California state Sen. Holly Mitchell’s golden dreadlocks spiraled onto her shoulders in loose helixes as she stood in the Senate chamber and asked her colleagues to educate themselves about Black people’s hair.

It was April 22, 2019, and the Los Angeles Democrat was introducing legislation to extend legal protection to hair as essential to a person’s racial identity.

“We’re talking about hairstyles like mine, quite frankly, which would, without question, fit in an image of professionalism if bias and stereotypes were not involved,” said Mitchell, now a Los Angeles County supervisor.

Former state Sen. Holly Mitchell

Former California state Sen.

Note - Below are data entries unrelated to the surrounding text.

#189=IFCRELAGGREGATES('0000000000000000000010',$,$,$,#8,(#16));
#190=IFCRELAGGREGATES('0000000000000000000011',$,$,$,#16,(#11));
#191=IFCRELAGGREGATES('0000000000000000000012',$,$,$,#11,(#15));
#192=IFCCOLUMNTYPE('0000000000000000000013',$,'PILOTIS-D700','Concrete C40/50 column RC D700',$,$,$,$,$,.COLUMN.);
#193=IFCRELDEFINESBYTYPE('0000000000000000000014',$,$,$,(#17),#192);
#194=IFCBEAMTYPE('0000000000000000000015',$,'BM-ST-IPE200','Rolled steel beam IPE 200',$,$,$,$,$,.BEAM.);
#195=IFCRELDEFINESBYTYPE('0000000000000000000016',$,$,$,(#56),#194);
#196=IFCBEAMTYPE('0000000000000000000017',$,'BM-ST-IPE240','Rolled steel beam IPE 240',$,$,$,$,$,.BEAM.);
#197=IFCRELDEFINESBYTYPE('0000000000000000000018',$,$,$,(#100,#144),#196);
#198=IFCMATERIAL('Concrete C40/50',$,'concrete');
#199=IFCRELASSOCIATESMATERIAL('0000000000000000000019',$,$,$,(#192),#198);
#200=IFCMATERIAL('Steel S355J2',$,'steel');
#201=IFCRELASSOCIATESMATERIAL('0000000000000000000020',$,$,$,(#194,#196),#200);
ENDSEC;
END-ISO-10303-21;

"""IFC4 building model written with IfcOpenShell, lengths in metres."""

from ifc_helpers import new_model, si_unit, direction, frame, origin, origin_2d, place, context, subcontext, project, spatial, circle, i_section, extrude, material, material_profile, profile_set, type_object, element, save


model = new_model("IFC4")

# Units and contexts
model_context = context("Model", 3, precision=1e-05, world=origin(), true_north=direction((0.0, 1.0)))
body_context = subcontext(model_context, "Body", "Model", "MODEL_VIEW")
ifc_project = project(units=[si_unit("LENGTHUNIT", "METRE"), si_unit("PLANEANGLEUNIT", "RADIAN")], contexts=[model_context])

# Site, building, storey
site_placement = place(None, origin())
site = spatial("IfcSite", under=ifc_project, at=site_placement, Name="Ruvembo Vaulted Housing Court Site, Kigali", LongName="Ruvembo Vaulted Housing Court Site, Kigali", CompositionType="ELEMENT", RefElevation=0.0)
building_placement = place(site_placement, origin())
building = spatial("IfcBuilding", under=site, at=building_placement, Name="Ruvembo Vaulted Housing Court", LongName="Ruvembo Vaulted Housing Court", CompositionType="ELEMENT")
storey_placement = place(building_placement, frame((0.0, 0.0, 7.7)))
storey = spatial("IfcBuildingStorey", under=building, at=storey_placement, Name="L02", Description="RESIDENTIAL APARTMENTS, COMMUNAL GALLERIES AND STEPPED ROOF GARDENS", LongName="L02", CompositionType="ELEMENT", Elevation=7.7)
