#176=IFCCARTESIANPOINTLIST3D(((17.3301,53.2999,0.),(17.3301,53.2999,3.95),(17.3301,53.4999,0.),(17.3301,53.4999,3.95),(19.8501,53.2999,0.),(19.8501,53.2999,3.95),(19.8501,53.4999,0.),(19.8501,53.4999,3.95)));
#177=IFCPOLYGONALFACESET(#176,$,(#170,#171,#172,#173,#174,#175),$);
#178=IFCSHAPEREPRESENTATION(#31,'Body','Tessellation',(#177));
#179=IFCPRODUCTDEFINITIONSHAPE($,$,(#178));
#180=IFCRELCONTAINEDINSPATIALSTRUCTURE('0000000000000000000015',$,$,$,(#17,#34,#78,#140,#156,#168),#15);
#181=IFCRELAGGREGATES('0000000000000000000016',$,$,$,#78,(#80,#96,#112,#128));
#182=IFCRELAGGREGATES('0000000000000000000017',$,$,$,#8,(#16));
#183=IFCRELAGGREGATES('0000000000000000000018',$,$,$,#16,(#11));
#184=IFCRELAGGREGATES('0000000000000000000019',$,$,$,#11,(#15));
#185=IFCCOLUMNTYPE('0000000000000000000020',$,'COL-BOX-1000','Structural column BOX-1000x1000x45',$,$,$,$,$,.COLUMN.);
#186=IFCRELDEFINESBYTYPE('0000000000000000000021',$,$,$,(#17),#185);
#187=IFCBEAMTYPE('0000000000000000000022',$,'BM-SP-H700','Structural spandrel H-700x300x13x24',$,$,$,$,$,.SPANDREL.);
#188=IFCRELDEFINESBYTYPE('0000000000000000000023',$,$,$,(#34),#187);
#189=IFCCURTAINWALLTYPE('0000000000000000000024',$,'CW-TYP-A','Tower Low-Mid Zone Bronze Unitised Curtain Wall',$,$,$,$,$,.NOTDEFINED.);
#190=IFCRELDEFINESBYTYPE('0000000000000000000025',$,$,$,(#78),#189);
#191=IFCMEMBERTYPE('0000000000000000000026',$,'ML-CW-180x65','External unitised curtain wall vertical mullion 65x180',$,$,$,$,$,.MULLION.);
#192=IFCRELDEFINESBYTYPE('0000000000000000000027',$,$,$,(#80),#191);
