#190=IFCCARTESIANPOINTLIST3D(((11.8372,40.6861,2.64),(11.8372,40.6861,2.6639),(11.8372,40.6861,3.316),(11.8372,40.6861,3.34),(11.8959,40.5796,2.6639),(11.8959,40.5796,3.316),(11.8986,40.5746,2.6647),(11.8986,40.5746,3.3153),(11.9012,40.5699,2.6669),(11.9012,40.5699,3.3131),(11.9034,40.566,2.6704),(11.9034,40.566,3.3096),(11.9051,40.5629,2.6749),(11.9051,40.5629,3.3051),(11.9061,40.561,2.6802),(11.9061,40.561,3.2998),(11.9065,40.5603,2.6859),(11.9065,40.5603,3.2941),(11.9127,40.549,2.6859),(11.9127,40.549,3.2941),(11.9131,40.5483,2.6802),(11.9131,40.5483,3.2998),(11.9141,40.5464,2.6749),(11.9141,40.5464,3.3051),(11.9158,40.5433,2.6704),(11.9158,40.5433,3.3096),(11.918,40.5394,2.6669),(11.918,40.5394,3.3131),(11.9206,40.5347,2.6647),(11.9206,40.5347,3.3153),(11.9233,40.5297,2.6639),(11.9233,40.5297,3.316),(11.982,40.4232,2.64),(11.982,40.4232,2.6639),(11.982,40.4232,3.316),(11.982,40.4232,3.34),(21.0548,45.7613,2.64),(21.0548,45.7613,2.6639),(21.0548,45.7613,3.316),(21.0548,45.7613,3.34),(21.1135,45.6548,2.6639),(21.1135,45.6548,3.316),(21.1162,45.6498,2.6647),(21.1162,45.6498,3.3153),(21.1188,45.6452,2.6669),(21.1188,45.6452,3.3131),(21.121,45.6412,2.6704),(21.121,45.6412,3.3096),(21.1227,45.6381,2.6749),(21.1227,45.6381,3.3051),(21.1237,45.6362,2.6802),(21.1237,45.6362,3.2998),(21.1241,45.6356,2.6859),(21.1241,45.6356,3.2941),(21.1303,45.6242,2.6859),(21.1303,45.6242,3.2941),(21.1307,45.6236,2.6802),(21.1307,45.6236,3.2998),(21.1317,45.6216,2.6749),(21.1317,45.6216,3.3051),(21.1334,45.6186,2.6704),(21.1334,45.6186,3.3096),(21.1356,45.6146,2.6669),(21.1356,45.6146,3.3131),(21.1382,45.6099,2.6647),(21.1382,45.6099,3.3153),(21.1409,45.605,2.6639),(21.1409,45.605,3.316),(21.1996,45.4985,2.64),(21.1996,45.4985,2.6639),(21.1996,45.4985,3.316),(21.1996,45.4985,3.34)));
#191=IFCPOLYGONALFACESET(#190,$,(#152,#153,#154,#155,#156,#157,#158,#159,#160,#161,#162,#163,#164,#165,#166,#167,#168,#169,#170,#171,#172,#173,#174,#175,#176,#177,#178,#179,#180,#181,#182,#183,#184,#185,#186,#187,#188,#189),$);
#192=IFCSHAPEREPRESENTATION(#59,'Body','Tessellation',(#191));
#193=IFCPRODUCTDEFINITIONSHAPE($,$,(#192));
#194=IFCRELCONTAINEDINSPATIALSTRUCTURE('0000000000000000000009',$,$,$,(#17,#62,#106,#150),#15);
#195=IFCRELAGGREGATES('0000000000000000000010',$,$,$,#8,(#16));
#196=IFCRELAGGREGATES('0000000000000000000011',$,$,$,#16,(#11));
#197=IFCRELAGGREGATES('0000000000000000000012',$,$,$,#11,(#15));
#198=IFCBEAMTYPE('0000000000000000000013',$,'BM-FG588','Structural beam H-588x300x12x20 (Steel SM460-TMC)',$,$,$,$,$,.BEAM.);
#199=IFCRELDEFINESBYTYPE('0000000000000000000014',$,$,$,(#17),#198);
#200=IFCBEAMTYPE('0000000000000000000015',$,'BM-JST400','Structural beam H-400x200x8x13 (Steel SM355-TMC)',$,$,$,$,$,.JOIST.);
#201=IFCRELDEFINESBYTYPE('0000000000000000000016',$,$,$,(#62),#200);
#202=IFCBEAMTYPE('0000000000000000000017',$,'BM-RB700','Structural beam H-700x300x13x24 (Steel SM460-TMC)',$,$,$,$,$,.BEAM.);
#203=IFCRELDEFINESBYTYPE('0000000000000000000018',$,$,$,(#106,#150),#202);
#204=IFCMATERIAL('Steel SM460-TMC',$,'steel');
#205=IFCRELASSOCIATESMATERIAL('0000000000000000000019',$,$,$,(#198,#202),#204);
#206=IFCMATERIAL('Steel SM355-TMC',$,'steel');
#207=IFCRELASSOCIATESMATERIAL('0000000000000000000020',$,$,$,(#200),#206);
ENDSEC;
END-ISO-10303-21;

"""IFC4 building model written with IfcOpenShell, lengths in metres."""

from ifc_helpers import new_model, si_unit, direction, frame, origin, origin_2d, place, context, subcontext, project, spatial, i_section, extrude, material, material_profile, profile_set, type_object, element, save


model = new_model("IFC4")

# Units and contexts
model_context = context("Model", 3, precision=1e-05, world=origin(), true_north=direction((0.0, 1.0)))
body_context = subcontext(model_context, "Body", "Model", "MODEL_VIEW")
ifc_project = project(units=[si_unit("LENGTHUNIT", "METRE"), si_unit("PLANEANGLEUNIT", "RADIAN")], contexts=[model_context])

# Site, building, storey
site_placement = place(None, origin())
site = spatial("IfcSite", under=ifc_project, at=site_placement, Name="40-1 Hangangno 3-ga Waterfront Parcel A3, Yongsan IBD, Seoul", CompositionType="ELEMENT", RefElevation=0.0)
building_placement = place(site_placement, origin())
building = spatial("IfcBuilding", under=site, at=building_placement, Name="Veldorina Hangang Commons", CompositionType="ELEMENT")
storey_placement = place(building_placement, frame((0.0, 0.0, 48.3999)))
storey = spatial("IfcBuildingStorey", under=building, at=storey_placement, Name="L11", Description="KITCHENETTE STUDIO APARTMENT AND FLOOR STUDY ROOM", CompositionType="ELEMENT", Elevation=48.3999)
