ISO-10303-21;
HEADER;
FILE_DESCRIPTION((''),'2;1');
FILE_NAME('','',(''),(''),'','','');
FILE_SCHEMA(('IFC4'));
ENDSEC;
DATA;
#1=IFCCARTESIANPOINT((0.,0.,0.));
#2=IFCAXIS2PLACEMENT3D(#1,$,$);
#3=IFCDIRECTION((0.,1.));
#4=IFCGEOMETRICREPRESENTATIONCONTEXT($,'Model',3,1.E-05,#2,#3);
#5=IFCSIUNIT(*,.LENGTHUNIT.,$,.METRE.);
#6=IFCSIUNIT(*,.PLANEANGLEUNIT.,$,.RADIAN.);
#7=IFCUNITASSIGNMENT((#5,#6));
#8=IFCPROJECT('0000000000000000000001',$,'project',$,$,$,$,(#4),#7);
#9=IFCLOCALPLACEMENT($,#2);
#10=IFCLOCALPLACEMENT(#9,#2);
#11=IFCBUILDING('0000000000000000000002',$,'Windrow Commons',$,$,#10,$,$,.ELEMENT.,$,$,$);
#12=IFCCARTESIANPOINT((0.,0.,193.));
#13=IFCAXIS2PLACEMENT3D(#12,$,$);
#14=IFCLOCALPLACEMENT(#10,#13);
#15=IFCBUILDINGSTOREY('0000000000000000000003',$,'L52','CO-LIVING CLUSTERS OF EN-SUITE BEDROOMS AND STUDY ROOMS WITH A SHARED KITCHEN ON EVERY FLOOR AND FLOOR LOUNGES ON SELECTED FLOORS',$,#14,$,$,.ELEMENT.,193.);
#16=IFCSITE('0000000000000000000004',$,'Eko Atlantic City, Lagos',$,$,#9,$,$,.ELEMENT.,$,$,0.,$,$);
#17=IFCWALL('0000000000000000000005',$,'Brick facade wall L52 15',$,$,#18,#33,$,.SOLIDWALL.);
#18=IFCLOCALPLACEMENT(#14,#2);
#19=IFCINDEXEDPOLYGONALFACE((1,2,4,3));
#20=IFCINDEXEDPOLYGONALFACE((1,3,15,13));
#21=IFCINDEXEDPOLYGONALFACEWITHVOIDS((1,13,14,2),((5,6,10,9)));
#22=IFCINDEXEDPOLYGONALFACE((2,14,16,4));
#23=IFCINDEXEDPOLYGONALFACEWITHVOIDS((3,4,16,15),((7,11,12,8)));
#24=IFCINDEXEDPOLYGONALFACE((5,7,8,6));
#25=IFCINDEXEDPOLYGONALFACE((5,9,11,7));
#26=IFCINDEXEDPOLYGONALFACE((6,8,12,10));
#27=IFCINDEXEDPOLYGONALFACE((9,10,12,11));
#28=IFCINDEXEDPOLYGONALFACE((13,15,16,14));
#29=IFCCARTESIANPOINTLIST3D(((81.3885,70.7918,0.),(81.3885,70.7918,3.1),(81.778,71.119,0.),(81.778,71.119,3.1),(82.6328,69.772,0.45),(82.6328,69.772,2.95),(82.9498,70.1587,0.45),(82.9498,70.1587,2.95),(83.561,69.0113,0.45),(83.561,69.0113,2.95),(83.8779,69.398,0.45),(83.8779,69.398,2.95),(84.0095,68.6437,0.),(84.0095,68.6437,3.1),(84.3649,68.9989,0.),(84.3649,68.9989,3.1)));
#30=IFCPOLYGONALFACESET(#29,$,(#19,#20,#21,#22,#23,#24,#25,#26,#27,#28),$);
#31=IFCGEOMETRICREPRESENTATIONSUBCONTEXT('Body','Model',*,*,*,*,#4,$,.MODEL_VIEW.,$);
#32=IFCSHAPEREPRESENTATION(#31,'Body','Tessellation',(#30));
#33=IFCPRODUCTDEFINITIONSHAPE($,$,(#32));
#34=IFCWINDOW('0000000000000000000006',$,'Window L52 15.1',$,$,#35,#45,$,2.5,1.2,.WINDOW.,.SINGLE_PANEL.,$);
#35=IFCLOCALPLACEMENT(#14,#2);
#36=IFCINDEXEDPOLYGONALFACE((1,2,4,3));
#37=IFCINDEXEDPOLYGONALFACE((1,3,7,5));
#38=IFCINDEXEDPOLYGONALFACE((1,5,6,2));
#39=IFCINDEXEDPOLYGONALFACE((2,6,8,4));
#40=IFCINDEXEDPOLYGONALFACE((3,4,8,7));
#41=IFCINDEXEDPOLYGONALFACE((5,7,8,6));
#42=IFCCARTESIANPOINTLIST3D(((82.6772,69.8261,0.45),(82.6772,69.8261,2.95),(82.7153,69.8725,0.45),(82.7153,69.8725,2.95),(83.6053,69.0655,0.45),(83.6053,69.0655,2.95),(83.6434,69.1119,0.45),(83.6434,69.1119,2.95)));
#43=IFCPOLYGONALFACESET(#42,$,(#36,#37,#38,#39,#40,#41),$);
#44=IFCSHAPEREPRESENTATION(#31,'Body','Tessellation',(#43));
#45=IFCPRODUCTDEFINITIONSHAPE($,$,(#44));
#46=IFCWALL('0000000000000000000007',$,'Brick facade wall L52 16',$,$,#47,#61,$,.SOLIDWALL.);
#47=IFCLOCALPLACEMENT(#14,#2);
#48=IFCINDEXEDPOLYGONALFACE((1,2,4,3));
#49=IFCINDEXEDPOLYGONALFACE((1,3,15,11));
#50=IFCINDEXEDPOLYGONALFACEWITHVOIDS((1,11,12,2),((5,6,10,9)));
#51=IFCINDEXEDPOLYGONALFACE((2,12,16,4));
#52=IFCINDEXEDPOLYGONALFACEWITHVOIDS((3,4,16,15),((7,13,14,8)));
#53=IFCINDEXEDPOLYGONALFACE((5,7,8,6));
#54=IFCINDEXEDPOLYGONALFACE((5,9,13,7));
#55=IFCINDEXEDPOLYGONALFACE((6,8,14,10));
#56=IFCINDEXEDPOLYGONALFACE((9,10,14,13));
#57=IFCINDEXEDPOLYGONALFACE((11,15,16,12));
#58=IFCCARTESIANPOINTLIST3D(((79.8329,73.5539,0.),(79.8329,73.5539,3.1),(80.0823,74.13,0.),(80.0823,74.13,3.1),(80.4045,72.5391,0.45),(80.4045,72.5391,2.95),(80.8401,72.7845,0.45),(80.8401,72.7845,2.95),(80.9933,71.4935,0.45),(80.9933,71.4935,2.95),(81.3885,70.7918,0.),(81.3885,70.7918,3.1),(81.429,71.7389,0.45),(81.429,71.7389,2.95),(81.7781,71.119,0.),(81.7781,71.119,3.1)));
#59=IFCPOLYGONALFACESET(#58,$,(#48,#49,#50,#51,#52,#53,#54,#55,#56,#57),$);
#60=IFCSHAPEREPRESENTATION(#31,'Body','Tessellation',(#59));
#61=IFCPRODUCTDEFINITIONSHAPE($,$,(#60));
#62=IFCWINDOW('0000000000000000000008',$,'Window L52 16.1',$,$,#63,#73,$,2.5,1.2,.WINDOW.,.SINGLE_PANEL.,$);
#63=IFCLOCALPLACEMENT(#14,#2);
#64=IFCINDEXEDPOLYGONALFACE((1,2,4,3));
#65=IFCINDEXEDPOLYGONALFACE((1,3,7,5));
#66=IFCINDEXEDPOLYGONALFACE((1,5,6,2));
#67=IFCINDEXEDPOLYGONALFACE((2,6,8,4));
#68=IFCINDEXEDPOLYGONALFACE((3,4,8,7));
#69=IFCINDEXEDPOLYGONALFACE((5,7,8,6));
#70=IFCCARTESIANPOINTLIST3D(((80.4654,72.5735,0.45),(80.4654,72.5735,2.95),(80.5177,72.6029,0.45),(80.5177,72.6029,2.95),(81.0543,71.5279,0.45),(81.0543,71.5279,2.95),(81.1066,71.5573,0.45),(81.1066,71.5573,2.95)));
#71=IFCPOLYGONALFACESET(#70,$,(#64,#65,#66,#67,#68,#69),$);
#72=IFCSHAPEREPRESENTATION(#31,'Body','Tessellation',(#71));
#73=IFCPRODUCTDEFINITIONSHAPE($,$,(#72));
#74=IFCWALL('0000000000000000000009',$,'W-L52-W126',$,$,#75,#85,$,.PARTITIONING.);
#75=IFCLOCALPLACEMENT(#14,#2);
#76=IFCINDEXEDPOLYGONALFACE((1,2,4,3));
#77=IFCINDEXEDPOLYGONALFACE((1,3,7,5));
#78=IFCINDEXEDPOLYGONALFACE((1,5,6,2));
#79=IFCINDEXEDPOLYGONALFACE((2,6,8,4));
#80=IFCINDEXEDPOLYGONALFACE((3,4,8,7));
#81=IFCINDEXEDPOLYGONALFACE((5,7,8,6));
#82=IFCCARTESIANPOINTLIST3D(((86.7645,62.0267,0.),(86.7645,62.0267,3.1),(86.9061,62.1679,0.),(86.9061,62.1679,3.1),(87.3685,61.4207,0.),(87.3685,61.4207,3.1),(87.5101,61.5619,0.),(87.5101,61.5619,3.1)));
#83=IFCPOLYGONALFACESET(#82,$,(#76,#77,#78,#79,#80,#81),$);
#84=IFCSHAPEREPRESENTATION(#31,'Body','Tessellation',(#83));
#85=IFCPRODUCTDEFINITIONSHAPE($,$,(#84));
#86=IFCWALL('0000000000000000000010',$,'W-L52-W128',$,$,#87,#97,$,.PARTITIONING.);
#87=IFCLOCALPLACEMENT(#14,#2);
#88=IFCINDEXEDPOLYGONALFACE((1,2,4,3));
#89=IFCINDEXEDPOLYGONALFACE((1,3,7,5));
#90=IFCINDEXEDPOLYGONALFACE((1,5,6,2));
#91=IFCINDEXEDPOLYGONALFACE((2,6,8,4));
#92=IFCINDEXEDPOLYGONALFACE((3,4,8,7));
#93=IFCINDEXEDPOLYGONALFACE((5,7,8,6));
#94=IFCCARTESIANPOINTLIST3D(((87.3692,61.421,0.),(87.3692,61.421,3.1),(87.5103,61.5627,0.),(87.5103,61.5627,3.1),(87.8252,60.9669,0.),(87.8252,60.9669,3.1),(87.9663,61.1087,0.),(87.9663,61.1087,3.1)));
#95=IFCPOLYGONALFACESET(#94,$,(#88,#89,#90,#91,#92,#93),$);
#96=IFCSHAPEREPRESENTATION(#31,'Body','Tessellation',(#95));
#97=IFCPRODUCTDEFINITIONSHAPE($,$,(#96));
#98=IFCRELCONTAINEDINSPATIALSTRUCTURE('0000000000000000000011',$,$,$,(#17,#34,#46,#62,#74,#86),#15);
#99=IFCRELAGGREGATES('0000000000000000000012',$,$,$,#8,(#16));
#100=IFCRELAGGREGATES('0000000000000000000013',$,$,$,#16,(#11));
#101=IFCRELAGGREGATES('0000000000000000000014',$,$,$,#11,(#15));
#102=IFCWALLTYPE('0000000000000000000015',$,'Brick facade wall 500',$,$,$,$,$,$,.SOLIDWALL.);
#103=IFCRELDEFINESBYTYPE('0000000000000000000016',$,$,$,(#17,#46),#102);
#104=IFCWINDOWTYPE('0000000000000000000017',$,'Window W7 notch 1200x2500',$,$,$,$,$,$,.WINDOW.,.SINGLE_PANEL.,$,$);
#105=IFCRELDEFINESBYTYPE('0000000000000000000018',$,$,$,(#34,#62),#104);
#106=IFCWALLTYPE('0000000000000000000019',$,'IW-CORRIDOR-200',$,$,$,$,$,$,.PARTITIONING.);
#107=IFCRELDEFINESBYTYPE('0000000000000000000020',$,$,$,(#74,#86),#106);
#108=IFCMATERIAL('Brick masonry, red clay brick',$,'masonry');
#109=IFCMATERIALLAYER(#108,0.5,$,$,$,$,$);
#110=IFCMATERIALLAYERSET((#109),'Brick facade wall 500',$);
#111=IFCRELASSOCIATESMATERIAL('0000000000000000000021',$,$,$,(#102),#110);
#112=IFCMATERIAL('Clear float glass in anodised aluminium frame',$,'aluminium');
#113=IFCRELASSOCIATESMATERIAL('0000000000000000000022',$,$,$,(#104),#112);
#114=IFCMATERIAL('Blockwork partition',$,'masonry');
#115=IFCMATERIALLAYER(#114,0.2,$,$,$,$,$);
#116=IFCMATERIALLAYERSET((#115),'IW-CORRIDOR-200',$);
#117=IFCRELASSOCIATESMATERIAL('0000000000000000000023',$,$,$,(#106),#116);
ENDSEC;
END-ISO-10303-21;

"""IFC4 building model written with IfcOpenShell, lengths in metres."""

from ifc_helpers import new_model, si_unit, direction, frame, frame_2d, origin, place, context, subcontext, project, spatial, polyline, rectangle, outline, extrude, material, layer, layer_set, type_object, element, fill, save


model = new_model("IFC4")

# Units and contexts
model_context = context("Model", 3, precision=1e-05, world=origin(), true_north=direction((0.0, 1.0)))
body_context = subcontext(model_context, "Body", "Model", "MODEL_VIEW")
ifc_project = project(units=[si_unit("LENGTHUNIT", "METRE"), si_unit("PLANEANGLEUNIT", "RADIAN")], contexts=[model_context])

# Site, building, storey
site_placement = place(None, origin())
site = spatial("IfcSite", under=ifc_project, at=site_placement, Name="Eko Atlantic City, Lagos", CompositionType="ELEMENT", RefElevation=0.0)
building_placement = place(site_placement, origin())
building = spatial("IfcBuilding", under=site, at=building_placement, Name="Windrow Commons", CompositionType="ELEMENT")
storey_placement = place(building_placement, frame((0.0, 0.0, 193.0)))
storey = spatial("IfcBuildingStorey", under=building, at=storey_placement, Name="L52", Description="CO-LIVING CLUSTERS OF EN-SUITE BEDROOMS AND STUDY ROOMS WITH A SHARED KITCHEN ON EVERY FLOOR AND FLOOR LOUNGES ON SELECTED FLOORS", CompositionType="ELEMENT", Elevation=193.0)

# Shared definitions
ifc_material_1 = material(Name="Brick masonry, red clay brick", Category="masonry")
ifc_layer_1 = layer(ifc_material_1, 0.5)
ifc_layer_set_1 = layer_set([ifc_layer_1], Name="Brick facade wall 500")
wall_type_1 = type_object("IfcWallType", Name="Brick facade wall 500", PredefinedType="SOLIDWALL", material=ifc_layer_set_1)
ifc_material_2 = material(Name="Clear float glass in anodised aluminium frame", Category="aluminium")
window_type = type_object("IfcWindowType", Name="Window W7 notch 1200x2500", PartitioningType="SINGLE_PANEL", PredefinedType="WINDOW", material=ifc_material_2)

# Walls, openings, windows
wall_1_placement = place(storey_placement, frame((84.1872, 68.8213, 0.0), z_axis=(0.0, 0.0, 1.0), x_axis=(-0.773428, 0.633885, 0.0)))
wall_1 = element("IfcWall", 1, at=wall_1_placement, inside=storey, type_object=wall_type_1, Name="Brick facade wall L52 15", PredefinedType="SOLIDWALL", context=body_context, shape_type="SweptSolid", body=[
    extrude(outline(polyline([(-0.0248, -0.25), (3.3198, -0.25), (3.4137, 0.25), (0.0248, 0.25), (-0.0248, -0.25)])), origin(), (0.0, 0.0, 1.0), 3.1),
])
opening_1_placement = place(wall_1_placement, frame((0.6048, 0.0, 0.45)))
opening_1 = element("IfcOpeningElement", 2, at=opening_1_placement, cuts=wall_1, PredefinedType="OPENING", context=body_context, shape_type="SweptSolid", body=[
    extrude(rectangle(XDim=1.2, YDim=2.5, at=frame_2d((0.6, 1.25))), frame((0.0, 0.26, 0.0), z_axis=(0.0, -1.0, 0.0), x_axis=(1.0, 0.0, 0.0)), (0.0, 0.0, 1.0), 0.52),
])
window_1_placement = place(opening_1_placement, origin())
window_1 = element("IfcWindow", 3, at=window_1_placement, inside=storey, type_object=window_type, Name="Window L52 15.1", OverallHeight=2.5, OverallWidth=1.2, PartitioningType="SINGLE_PANEL", PredefinedType="WINDOW", context=body_context, shape_type="SweptSolid", body=[
    extrude(rectangle(XDim=1.2, YDim=2.5, at=frame_2d((0.6, 1.25))), frame((0.0, 0.18, 0.0), z_axis=(0.0, -1.0, 0.0), x_axis=(1.0, 0.0, 0.0)), (0.0, 0.0, 1.0), 0.06),
])
fill(opening_1, window_1)
wall_2_placement = place(storey_placement, frame((81.5833, 70.9554, 0.0), z_axis=(0.0, 0.0, 1.0), x_axis=(-0.490717, 0.871319, 0.0)))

Holly Mitchell authored the CROWN Act, making California the first state to ban discrimination of natural hair or styles like locs, braids and twists in workplaces and public schools. Damian Dovarganes / Associated Press

SB 188, the Creating a Respectful and Open World for Natural Hair (CROWN) Act, passed soon thereafter, making California the first state to include hair in anti-discrimination law, notably natural hair and protective hairstyles like dreadlocks and braids.

Since then, incidents of hair discrimination — from people being denied employment, told they must forfeit a wrestling match or refused entrance to their own graduation — have gone viral and played a major role in the national examination of race and the call to make inclusion the standard in practice, rather than a platitude.

We will begin by examining the media’s role in perpetuating biases that inform people’s treatment and perceptions of themselves and one another. The Chronicle doesn’t stand outside this conversation. In its 150 years of existence, it has published depictions of hair that were driven by negative racial stereotypes.

The Chronicle analyzed about 10,000 images, spanning 20 years, from Vogue, one of the oldest U.S. fashion magazines. While the publication doesn’t aim to reflect most people’s lived experience, it attempts to depict the pinnacle of beauty. Like many forms of media, it informs people of what they should want to look like.

The results were stark: Pixie cuts, pony tails and long, straight hair are represented far more frequently than styles that are wider and more upward, like afros.

Which hairstyles are most (and least) represented in the media?

It’s a simple question, but a challenging one to answer.

Keep scrolling to read more or jump to the analysis.

There are many ways we could have quantified how hair is represented in the media, from texture to style. But to analyze data from thousands of images, we focused on hair shape, which shows whether volume normally seen in textured hair is underrepresented across images.

We analyzed photos from Vogue (which has an archive dating back to 1892) largely because it allowed for an examination of modern depictions of hair going back to 2000. To detect the faces in each image and crop around them, we used code. The faces above were cropped from the same page.

We used machine learning — a process often referred to as “artificial intelligence” — to figure out which portion of an image was made up of hair. Without machine learning, converting more than 10,000 images to a hair shape wouldn’t have been doable. The process of training machine learning “models” is not perfect; for instance, textured or printed backgrounds yielded really poor results, as did low lighting and resolution.

This single image can actually tell you a lot about representation in media. It’s the “average” representation of all the Vogue images we analyzed — the whiter the pixel, the more often images had hair in that spot. What we see is that a lot of pictures have hair along the crown; and those that have more hair tend to show long styles, rather than wide or voluminous shapes.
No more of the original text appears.